Adams (2015) noted that a major problem of evaluating PoF using LEM is indeed the lack of time dependency. In the absence of time-dependent input variables, PoF does not have a timescale. The PoF of a slope is likely related to the rate of stress redistribution, the rate of material strength degradation (e.g. via weathering and rock mass relaxation), and the temporal probabilities of triggering events, such as rainfall or earthquakes.
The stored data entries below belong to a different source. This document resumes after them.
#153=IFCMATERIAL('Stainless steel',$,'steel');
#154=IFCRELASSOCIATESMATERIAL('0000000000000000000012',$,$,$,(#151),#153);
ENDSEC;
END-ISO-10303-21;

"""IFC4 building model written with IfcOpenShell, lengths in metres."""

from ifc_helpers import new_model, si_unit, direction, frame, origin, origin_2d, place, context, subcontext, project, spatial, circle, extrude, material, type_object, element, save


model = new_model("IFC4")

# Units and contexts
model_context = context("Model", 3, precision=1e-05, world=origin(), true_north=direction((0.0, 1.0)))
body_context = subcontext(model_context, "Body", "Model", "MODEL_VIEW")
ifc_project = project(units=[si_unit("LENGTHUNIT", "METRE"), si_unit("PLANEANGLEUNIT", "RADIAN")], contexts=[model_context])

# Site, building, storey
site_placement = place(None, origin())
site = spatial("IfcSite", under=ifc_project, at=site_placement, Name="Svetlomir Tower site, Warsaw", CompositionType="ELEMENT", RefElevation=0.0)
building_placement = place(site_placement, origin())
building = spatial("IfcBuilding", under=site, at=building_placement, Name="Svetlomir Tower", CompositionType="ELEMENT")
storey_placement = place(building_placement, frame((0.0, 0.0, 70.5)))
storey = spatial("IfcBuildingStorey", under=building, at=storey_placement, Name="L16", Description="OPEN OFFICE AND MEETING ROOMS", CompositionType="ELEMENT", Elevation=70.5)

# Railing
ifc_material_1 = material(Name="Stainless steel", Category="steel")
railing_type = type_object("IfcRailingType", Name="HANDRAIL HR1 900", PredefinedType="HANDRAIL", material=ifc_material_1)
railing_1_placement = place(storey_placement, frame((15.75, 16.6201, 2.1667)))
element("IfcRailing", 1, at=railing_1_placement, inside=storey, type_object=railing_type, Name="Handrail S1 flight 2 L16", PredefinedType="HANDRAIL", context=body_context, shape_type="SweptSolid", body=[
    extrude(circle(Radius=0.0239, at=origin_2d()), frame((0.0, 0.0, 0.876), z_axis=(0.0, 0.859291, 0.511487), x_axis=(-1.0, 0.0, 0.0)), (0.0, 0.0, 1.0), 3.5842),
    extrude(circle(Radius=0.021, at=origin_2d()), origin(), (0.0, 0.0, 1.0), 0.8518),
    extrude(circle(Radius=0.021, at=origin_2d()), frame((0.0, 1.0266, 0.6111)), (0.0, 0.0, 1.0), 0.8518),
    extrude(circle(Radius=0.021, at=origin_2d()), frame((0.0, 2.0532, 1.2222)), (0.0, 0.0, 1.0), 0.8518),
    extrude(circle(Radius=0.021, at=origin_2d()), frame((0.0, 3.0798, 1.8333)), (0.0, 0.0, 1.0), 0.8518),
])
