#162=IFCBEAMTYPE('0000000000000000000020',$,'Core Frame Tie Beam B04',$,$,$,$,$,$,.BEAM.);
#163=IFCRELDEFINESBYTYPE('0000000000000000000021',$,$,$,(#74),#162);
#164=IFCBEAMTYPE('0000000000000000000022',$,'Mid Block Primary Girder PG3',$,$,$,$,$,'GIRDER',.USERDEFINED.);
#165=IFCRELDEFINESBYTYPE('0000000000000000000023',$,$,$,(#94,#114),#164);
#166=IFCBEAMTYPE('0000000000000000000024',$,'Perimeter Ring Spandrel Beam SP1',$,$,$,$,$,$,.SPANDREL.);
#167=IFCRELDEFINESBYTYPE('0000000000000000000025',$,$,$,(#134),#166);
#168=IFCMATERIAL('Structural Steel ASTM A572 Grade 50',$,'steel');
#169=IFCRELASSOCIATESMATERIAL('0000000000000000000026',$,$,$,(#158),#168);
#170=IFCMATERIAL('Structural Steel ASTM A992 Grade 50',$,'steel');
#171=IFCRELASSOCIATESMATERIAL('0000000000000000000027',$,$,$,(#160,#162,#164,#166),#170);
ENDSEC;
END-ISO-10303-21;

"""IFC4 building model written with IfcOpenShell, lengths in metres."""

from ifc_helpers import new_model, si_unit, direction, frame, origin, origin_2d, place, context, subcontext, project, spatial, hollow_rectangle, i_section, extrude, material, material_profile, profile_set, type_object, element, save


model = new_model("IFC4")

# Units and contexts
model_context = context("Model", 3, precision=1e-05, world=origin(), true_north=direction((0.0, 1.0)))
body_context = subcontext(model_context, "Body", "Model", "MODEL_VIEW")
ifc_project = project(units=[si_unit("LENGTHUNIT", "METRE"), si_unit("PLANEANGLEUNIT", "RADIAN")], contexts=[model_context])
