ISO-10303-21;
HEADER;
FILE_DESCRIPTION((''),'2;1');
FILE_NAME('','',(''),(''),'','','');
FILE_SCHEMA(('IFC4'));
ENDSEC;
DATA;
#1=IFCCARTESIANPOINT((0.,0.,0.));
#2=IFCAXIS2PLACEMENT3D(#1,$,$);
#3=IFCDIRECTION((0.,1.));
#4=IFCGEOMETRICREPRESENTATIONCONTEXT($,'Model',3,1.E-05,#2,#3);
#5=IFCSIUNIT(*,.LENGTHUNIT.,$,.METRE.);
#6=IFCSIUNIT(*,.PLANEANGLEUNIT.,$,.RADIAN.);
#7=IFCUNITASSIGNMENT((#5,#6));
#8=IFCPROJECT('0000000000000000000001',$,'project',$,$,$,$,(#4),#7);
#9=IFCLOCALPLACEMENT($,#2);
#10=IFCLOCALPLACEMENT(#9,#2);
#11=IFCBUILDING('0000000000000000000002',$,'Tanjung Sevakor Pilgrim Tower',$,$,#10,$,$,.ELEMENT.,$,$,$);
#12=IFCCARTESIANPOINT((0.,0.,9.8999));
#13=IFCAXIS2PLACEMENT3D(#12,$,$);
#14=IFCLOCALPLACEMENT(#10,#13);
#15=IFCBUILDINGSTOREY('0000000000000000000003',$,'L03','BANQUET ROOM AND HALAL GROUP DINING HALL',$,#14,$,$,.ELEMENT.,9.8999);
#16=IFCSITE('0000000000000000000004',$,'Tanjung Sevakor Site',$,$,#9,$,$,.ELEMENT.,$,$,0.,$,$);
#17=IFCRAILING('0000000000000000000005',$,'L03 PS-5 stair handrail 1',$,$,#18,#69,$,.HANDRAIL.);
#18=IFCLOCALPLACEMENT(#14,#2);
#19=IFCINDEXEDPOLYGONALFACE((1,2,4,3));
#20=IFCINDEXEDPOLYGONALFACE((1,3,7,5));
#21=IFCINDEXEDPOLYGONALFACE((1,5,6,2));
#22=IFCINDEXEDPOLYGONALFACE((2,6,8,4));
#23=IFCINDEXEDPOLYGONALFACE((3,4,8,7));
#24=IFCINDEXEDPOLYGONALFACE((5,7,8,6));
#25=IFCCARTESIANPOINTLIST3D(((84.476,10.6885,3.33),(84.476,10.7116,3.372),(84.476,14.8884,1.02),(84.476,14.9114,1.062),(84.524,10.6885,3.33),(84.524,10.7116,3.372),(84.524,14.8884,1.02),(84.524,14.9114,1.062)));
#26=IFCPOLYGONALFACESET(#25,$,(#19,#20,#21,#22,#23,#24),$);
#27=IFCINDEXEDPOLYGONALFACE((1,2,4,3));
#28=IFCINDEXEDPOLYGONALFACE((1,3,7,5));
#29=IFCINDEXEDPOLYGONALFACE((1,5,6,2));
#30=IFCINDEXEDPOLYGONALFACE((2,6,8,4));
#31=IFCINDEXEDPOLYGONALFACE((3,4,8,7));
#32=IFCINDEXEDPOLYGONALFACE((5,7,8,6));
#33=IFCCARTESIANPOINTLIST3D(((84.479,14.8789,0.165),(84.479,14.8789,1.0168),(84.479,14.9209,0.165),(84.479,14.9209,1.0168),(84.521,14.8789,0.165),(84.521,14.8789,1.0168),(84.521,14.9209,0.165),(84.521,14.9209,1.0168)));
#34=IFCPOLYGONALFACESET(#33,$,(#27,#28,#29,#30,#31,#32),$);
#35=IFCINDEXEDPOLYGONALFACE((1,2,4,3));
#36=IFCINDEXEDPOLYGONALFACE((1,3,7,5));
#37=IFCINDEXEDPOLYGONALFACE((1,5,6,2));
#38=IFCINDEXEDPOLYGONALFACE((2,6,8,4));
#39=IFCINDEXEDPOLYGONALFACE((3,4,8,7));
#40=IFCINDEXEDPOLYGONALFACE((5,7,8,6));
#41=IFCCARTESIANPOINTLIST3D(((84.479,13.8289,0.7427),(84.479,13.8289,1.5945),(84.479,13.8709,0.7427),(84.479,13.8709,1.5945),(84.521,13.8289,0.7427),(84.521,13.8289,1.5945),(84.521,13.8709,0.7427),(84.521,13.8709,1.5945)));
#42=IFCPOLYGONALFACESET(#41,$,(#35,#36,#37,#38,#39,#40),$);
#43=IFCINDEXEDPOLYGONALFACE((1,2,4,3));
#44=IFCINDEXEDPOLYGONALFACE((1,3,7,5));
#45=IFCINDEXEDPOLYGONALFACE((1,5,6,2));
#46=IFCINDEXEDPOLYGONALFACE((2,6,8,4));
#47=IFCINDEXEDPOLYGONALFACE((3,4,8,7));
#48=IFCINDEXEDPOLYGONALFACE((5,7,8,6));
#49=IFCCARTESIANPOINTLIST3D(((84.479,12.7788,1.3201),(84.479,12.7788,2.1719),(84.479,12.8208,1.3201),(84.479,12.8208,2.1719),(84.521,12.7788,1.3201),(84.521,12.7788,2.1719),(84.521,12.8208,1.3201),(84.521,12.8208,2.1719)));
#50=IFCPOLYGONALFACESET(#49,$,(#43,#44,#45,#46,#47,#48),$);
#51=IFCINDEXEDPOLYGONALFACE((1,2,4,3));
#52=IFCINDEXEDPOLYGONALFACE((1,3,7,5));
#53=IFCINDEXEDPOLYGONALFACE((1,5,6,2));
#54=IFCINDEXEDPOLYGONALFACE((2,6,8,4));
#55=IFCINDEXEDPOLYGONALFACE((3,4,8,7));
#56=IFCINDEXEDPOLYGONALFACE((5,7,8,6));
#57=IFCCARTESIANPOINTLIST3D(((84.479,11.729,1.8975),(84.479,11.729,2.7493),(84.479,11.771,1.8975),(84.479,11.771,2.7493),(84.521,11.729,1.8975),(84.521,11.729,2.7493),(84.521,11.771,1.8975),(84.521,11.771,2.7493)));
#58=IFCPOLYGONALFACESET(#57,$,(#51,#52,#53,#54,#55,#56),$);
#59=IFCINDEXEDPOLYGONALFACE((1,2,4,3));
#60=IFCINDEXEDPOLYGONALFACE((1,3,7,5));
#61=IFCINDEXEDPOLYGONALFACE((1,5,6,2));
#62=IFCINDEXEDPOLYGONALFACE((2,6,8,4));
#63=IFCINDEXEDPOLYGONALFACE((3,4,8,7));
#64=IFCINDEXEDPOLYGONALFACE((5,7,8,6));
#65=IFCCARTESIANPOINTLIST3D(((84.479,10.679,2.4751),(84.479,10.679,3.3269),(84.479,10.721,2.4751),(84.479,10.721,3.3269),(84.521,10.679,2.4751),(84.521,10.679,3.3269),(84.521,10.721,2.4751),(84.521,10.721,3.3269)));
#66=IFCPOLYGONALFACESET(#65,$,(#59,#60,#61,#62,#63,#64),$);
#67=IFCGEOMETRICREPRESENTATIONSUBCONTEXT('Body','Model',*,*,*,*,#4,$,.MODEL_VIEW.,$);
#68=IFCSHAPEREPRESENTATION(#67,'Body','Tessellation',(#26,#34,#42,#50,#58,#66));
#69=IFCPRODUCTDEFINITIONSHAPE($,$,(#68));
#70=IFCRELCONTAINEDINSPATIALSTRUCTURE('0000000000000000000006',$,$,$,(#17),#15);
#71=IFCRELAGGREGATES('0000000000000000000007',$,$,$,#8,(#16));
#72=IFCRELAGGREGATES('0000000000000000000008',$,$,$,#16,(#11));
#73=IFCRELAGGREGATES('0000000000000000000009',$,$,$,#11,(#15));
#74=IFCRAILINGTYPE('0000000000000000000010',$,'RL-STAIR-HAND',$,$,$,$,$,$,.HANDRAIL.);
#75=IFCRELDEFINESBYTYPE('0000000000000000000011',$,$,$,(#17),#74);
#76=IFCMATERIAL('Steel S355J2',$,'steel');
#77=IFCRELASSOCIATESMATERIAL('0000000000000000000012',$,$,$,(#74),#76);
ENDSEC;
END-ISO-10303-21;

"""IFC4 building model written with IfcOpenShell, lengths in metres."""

from ifc_helpers import new_model, si_unit, direction, frame, origin, place, context, subcontext, project, spatial, rectangle, extrude, material, type_object, element, save


model = new_model("IFC4")

# Units and contexts
model_context = context("Model", 3, precision=1e-05, world=origin(), true_north=direction((0.0, 1.0)))
body_context = subcontext(model_context, "Body", "Model", "MODEL_VIEW")
ifc_project = project(units=[si_unit("LENGTHUNIT", "METRE"), si_unit("PLANEANGLEUNIT", "RADIAN")], contexts=[model_context])

# Site, building, storey
site_placement = place(None, origin())
site = spatial("IfcSite", under=ifc_project, at=site_placement, Name="Tanjung Sevakor Site", CompositionType="ELEMENT", RefElevation=0.0)
building_placement = place(site_placement, origin())
building = spatial("IfcBuilding", under=site, at=building_placement, Name="Tanjung Sevakor Pilgrim Tower", CompositionType="ELEMENT")
storey_placement = place(building_placement, frame((0.0, 0.0, 9.8999)))
storey = spatial("IfcBuildingStorey", under=building, at=storey_placement, Name="L03", Description="BANQUET ROOM AND HALAL GROUP DINING HALL", CompositionType="ELEMENT", Elevation=9.8999)

# Railing
ifc_material_1 = material(Name="Steel S355J2", Category="steel")
railing_type = type_object("IfcRailingType", Name="RL-STAIR-HAND", PredefinedType="HANDRAIL", material=ifc_material_1)
railing_placement = place(storey_placement, frame((84.5, 14.8999, 0.165)))
element("IfcRailing", 1, at=railing_placement, inside=storey, type_object=railing_type, Name="L03 PS-5 stair handrail 1", PredefinedType="HANDRAIL", context=body_context, shape_type="SweptSolid", body=[
    extrude(rectangle(XDim=0.0479, YDim=0.0479), frame((0.0, 0.0, 0.876), z_axis=(0.0, -0.876208, 0.481932), x_axis=(1.0, 0.0, 0.0)), (0.0, 0.0, 1.0), 4.7932),
    extrude(rectangle(XDim=0.042, YDim=0.042), origin(), (0.0, 0.0, 1.0), 0.8518),
    extrude(rectangle(XDim=0.042, YDim=0.042), frame((0.0, -1.05, 0.5776)), (0.0, 0.0, 1.0), 0.8518),
    extrude(rectangle(XDim=0.042, YDim=0.042), frame((0.0, -2.1001, 1.155)), (0.0, 0.0, 1.0), 0.8518),
    extrude(rectangle(XDim=0.042, YDim=0.042), frame((0.0, -3.1499, 1.7324)), (0.0, 0.0, 1.0), 0.8518),
    extrude(rectangle(XDim=0.042, YDim=0.042), frame((0.0, -4.2, 2.3101)), (0.0, 0.0, 1.0), 0.8518),
])

save(model, "model.ifc")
Furthermore, these approaches have no provision for evaluating the impact of a multitude of important parameters such as human factors, monitoring and maintenance of the slope, potential for exceptional meteorological conditions, etc.
New Approaches
In recent years, more sophisticated approaches offering a blend between the geomechanics approach and semi-empirical evaluations of the quality of the slope have emerged. They are now used and proven (Silva et al. 2008). They fill in the missing time dependency by estimating the number of potential accidents over a certain time, e.g. next n years, life of the structure. Of course, these approaches require regular updates as conditions and parameters change over time.
ORE2_Slopes™ is a subset of the universal proprietary Optimum Risk Estimates (ORE) platform specific to manmade slopes (including pits), analogous to ORE2_Dams™ and ORE2_Dykes™. The platform was created by Oboni Riskope Associates Inc. in 2014. This specific approach is applicable anywhere and uses symptoms or diagnostic points in the history of the manmade slope from inception to the day of the evaluation. The diagnostic points are summarized below. For each point, the specific methodology allows a pre-determined set of answers. We then combine them mathematically to deliver an estimate of the PoF, including uncertainties. Explicit consideration of uncertainties is indeed a fundamental step towards reasonable, transparent and ethical risk assessments (Oboni 2017, Oboni F ISBN-10: 3030194469 2019).
Diagnostic Points in Slope Risk Assessment Analyses
Below is a list of diagnostic points we use in manmade slopes−specific approach:
- Physical aspects of the slope and its equipment
- Construction (supervision, berms, erosion, divergence from plans, etc.)
- Geotechnical investigations and testing
- Prior analyses and documentation of the project
- Various stability, deformation, erosion, liquefaction aspects as applicable:
- stability analyses (ESA, USA, pseudostatic, PoF)
- instability symptoms
- settlements (actual and analyses)
- liquefaction and internal erosion
- Operations, monitoring, maintenance and repairs
Based on the list above, one can easily update evaluations with generally available or observable data (e.g. on site, monitoring and satellite). Any missing data are explicitly outlined in the evaluations.
As one can understand from this summary, the link between extant client’s databases and archives, possible satellite observation and ORE2_Slopes becomes seamless. In addition, this could lead to extensive automation if clients owning multiple slopes are so inclined.